When Thomas first wrote that Buckley should be overruled in favor of an across-the-board, strict-scrutiny approach to campaign-finance regulation, in Colorado I, Chief Justice Rehnquist and Justice Antonin Scalia notably failed to join that portion of Thomas’ opinion. By 2000, Justice Scalia was on board with overruling Buckley’s more complaisant standard of review for assessing the constitutionality of contribution limits (Shrink Missouri), and by 2001 Justice Anthony Kennedy agreed as well that Buckley “should be overruled” (Colorado II). Together, these three Justices recently staked out a position for overruling Austin and McConnell in last term’s decision in WRTL.
Justice Thomas’ influence in this area could soon gain majority status. In WRTL, Chief Justice Roberts and Justice Alito issued an opinion that did not go quite so far as the other three deregulatory justices would go, but it still significantly cut back the reach of the McConnell opinion, thereby allowing more corporate and union election-related ads to be paid for out of treasury funds. The chief justice’s opinion reads like a Justice Thomas opinion, full of paeans to the First Amendment and the value of free political debate, unfettered by campaign-finance rules. In declaring that “Enough is enough” when faced with an argument that strict campaign-finance laws are necessary to prevent the circumvention of core limits on money in politics, Chief Justice Roberts echoed Thomas’ skepticism of anti-circumvention arguments expressed in McConnell: “speech regulation will again expand to cover new forms of ‘circumvention,’ only to spur supposed circumvention of the new regulations, and so forth.” It seems only a matter of time before Roberts and Justice Samuel Alito move either firmly into Thomas’ camp or at least close to his position. 2
Justice Thomas may not find another four votes for his positions on a general right to engage in anonymous campaign-finance spending. But he could well see much of his vision of a deregulated campaign finance system come into being over the next decade. His influence in this area should not be underestimated.

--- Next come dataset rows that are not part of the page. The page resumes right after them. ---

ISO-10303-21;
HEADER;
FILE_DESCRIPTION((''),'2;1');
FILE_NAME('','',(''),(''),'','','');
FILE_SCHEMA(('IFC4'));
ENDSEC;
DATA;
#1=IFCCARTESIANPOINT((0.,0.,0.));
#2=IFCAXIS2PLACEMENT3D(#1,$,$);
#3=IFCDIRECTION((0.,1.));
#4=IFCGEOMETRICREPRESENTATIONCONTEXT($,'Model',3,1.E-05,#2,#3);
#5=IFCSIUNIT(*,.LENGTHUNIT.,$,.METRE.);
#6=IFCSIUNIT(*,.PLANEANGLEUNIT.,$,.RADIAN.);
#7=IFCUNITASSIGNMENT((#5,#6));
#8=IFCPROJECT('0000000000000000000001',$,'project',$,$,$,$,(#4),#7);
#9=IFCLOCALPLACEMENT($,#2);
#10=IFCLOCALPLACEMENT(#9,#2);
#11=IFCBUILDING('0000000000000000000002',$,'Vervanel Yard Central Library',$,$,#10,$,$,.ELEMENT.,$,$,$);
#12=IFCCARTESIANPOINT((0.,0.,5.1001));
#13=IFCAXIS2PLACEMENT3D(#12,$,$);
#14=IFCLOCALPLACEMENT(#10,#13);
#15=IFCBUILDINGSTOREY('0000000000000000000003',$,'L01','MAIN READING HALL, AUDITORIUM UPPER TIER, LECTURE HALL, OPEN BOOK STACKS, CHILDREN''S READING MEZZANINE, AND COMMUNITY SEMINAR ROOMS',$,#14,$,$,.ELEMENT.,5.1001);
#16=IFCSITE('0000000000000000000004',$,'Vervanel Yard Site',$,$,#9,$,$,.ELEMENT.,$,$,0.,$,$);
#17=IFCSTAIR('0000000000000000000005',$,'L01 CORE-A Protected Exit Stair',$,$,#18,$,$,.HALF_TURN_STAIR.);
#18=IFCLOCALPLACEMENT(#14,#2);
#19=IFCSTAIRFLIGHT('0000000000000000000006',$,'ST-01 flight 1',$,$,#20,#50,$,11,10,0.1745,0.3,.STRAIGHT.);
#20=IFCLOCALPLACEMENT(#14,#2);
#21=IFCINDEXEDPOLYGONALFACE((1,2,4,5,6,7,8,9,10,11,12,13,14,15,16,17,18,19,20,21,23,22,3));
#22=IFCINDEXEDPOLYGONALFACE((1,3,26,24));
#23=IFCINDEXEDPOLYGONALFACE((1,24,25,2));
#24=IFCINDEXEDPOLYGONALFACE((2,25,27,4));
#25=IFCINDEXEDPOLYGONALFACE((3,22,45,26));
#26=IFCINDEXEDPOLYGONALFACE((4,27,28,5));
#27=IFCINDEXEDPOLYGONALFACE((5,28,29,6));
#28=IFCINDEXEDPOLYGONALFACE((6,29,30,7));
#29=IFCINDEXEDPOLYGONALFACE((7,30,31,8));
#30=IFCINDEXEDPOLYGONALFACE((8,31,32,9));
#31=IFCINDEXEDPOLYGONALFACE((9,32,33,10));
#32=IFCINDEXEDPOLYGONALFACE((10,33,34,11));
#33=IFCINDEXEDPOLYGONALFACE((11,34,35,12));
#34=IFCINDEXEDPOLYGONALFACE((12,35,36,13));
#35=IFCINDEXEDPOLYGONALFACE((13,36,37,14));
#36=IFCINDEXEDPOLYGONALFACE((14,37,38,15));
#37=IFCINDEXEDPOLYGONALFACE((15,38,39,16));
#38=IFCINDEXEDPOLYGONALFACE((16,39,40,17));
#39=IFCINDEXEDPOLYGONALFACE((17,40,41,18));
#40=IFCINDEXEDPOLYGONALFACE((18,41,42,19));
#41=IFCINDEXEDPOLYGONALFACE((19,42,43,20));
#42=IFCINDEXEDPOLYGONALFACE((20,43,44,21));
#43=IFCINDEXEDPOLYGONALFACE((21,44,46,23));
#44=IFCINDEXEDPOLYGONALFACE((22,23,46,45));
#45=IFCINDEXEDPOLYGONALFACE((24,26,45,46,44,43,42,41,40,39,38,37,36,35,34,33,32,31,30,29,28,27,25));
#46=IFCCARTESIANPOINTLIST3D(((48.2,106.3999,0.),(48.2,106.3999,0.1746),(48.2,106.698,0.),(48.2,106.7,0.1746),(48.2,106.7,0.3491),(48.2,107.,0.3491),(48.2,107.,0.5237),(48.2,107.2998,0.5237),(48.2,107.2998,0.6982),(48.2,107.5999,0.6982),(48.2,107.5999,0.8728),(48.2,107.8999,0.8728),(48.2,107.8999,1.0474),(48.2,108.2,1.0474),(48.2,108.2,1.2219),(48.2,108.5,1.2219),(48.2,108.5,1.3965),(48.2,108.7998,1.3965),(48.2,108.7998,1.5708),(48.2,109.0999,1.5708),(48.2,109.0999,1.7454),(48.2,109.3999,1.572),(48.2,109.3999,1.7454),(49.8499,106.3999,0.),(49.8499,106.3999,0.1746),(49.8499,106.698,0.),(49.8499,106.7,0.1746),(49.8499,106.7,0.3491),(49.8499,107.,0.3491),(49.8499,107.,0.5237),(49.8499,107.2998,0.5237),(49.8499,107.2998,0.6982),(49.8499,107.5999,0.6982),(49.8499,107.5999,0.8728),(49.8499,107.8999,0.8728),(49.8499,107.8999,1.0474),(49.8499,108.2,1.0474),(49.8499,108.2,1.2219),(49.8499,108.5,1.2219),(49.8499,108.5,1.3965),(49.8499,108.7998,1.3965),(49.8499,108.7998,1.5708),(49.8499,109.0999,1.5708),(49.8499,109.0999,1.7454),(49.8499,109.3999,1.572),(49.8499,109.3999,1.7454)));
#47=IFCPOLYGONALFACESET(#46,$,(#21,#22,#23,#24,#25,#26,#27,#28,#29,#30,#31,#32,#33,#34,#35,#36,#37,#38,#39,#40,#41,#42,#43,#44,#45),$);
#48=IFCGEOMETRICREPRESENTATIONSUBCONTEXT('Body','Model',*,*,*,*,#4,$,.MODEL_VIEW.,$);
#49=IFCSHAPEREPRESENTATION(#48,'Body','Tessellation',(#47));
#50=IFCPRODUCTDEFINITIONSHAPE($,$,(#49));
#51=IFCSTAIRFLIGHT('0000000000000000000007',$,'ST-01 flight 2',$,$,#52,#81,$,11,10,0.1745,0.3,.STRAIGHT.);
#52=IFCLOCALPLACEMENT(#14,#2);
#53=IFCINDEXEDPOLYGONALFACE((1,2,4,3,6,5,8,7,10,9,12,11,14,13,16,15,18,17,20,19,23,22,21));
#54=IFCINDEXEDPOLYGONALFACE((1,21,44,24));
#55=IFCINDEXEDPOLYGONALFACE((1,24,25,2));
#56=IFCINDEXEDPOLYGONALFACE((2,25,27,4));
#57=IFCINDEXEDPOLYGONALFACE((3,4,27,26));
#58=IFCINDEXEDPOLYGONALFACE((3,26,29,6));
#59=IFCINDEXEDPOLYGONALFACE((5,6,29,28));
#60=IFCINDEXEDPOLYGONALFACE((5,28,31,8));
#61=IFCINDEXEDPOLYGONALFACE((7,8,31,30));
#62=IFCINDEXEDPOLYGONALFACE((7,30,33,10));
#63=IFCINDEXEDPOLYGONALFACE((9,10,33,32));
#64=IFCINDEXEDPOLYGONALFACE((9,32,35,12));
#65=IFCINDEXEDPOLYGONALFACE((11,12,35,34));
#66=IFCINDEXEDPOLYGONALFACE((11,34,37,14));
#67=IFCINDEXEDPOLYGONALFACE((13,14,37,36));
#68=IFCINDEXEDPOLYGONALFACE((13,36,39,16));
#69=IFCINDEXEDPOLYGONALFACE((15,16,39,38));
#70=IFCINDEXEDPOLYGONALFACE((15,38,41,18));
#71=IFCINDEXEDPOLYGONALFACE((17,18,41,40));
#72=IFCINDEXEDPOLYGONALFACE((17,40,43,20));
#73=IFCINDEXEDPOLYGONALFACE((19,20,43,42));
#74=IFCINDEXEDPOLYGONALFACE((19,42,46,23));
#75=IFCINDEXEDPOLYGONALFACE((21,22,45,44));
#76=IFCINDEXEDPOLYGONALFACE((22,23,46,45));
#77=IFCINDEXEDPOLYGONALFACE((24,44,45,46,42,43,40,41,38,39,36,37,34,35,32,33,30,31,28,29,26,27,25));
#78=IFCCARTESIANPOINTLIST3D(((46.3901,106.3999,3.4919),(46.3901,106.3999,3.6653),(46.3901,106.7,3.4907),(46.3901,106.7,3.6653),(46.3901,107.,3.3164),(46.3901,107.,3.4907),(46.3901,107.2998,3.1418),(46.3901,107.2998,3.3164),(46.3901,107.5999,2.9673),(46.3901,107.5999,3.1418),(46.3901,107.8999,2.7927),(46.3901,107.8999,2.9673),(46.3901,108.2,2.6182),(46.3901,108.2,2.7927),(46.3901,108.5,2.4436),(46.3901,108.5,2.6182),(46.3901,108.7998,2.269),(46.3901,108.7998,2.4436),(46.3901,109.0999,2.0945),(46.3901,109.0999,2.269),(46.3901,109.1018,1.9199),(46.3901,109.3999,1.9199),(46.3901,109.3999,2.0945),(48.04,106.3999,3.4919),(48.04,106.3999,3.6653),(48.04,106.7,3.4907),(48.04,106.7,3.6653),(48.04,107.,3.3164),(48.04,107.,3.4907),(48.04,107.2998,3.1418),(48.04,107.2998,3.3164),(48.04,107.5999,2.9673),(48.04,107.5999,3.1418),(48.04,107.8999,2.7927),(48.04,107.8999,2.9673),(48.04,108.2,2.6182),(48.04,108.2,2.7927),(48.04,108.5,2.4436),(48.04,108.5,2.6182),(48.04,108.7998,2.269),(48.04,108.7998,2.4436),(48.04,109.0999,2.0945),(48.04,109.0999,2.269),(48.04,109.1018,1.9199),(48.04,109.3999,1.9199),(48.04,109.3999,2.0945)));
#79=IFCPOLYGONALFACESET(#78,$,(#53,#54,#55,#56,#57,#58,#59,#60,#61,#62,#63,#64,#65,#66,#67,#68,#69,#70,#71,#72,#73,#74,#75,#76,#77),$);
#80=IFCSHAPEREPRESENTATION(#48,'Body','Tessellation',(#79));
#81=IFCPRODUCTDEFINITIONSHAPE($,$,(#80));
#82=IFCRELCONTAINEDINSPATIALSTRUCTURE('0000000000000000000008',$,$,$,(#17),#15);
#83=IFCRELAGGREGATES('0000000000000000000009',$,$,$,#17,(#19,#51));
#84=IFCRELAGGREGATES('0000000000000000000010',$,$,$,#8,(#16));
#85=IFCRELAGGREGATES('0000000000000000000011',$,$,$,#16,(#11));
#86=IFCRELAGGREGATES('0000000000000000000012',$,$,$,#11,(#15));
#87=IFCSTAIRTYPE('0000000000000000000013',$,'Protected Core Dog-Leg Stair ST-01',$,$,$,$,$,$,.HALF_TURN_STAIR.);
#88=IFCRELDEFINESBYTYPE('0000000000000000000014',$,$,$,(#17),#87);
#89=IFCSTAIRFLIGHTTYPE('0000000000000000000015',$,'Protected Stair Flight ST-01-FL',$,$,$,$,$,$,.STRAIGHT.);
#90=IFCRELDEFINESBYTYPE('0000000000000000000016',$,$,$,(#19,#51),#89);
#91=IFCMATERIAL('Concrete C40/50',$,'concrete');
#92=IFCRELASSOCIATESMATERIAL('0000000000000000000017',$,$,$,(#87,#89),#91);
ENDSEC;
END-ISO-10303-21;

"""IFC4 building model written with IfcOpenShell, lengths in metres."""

from ifc_helpers import new_model, si_unit, direction, frame, origin, place, context, subcontext, project, spatial, polyline, outline, extrude, material, type_object, element, aggregate, save


model = new_model("IFC4")

# Units and contexts
model_context = context("Model", 3, precision=1e-05, world=origin(), true_north=direction((0.0, 1.0)))
body_context = subcontext(model_context, "Body", "Model", "MODEL_VIEW")
ifc_project = project(units=[si_unit("LENGTHUNIT", "METRE"), si_unit("PLANEANGLEUNIT", "RADIAN")], contexts=[model_context])

# Site, building, storey
site_placement = place(None, origin())
site = spatial("IfcSite", under=ifc_project, at=site_placement, Name="Vervanel Yard Site", CompositionType="ELEMENT", RefElevation=0.0)
building_placement = place(site_placement, origin())
building = spatial("IfcBuilding", under=site, at=building_placement, Name="Vervanel Yard Central Library", CompositionType="ELEMENT")
storey_placement = place(building_placement, frame((0.0, 0.0, 5.1001)))
storey = spatial("IfcBuildingStorey", under=building, at=storey_placement, Name="L01", Description="MAIN READING HALL, AUDITORIUM UPPER TIER, LECTURE HALL, OPEN BOOK STACKS, CHILDREN'S READING MEZZANINE, AND COMMUNITY SEMINAR ROOMS", CompositionType="ELEMENT", Elevation=5.1001)

# Shared definitions
ifc_material_1 = material(Name="Concrete C40/50", Category="concrete")

# Stair, stair flights
stair_type = type_object("IfcStairType", Name="Protected Core Dog-Leg Stair ST-01", PredefinedType="HALF_TURN_STAIR", material=ifc_material_1)
stair_placement = place(storey_placement, origin())
stair = element("IfcStair", 1, at=stair_placement, inside=storey, type_object=stair_type, Name="L01 CORE-A Protected Exit Stair", PredefinedType="HALF_TURN_STAIR")
stair_flight_type = type_object("IfcStairFlightType", Name="Protected Stair Flight ST-01-FL", PredefinedType="STRAIGHT", material=ifc_material_1)
stair_flight_1_placement = place(storey_placement, frame((49.0249, 106.3999, 0.0), z_axis=(0.0, 0.0, 1.0), x_axis=(0.0, 1.0, 0.0)))
stair_flight_1 = element("IfcStairFlight", 2, at=stair_flight_1_placement, type_object=stair_flight_type, Name="ST-01 flight 1", NumberOfRisers=11, NumberOfTreads=10, PredefinedType="STRAIGHT", RiserHeight=0.1745, TreadLength=0.3, context=body_context, shape_type="SweptSolid", body=[
    extrude(outline(polyline([(0.0, 0.0), (0.0, 0.1746), (0.3, 0.1746), (0.3, 0.3491), (0.6001, 0.3491), (0.6001, 0.5237), (0.8999, 0.5237), (0.8999, 0.6982), (1.2, 0.6982), (1.2, 0.8728), (1.5, 0.8728), (1.5, 1.0474), (1.8, 1.0474), (1.8, 1.2219), (2.1001, 1.2219), (2.1001, 1.3965), (2.3999, 1.3965), (2.3999, 1.5708), (2.7, 1.5708), (2.7, 1.7454), (3.0, 1.7454), (3.0, 1.9199), (3.0, 1.572), (0.2981, 0.0), (0.0, 0.0)])), frame((0.0, 0.825, 0.0), z_axis=(0.0, -1.0, 0.0), x_axis=(1.0, 0.0, 0.0)), (0.0, 0.0, 1.0), 1.6499),
])
stair_flight_2_placement = place(storey_placement, frame((47.2151, 109.3999, 1.9199), z_axis=(0.0, 0.0, 1.0), x_axis=(0.0, -1.0, 0.0)))
stair_flight_2 = element("IfcStairFlight", 3, at=stair_flight_2_placement, type_object=stair_flight_type, Name="ST-01 flight 2", NumberOfRisers=11, NumberOfTreads=10, PredefinedType="STRAIGHT", RiserHeight=0.1745, TreadLength=0.3, context=body_context, shape_type="SweptSolid", body=[
    extrude(outline(polyline([(0.0, 0.0), (0.0, 0.1746), (0.3, 0.1746), (0.3, 0.3491), (0.6001, 0.3491), (0.6001, 0.5237), (0.8999, 0.5237), (0.8999, 0.6982), (1.2, 0.6982), (1.2, 0.8728), (1.5, 0.8728), (1.5, 1.0474), (1.8, 1.0474), (1.8, 1.2219), (2.1001, 1.2219), (2.1001, 1.3965), (2.3999, 1.3965), (2.3999, 1.5708), (2.7, 1.5708), (2.7, 1.7454), (3.0, 1.7454), (3.0, 1.9199), (3.0, 1.572), (0.2981, 0.0), (0.0, 0.0)])), frame((0.0, 0.825, 0.0), z_axis=(0.0, -1.0, 0.0), x_axis=(1.0, 0.0, 0.0)), (0.0, 0.0, 1.0), 1.6499),
])
aggregate(stair, [stair_flight_1, stair_flight_2])

save(model, "model.ifc")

____________________________________________________

1 See Stephen Breyer, Active Liberty: Interpreting Our Democratic Constitution, ch. 4 (Speech) (2005).
2 I expand on these ideas in Richard L. Hasen, “Beyond Incoherence: The Roberts Court’s Deregulatory Turn in FEC v. Wisconsin Right to Life.
 


Richard L. Hasen is the William H. Hannon Distinguished Professor of Law at Loyola, Los Angeles, Law School. He is a nationally recognized expert on election law and campaign-finance regulation, is co-author of a leading casebook on election law, co-editor of the quarterly peer-reviewed publication Election Law Journal and the editor of the widely read Election Law blog. Hasen is also the author of The Supreme Court and Election Law: Judging Equality from Baker v. Carr to Bush v. Gore (2003).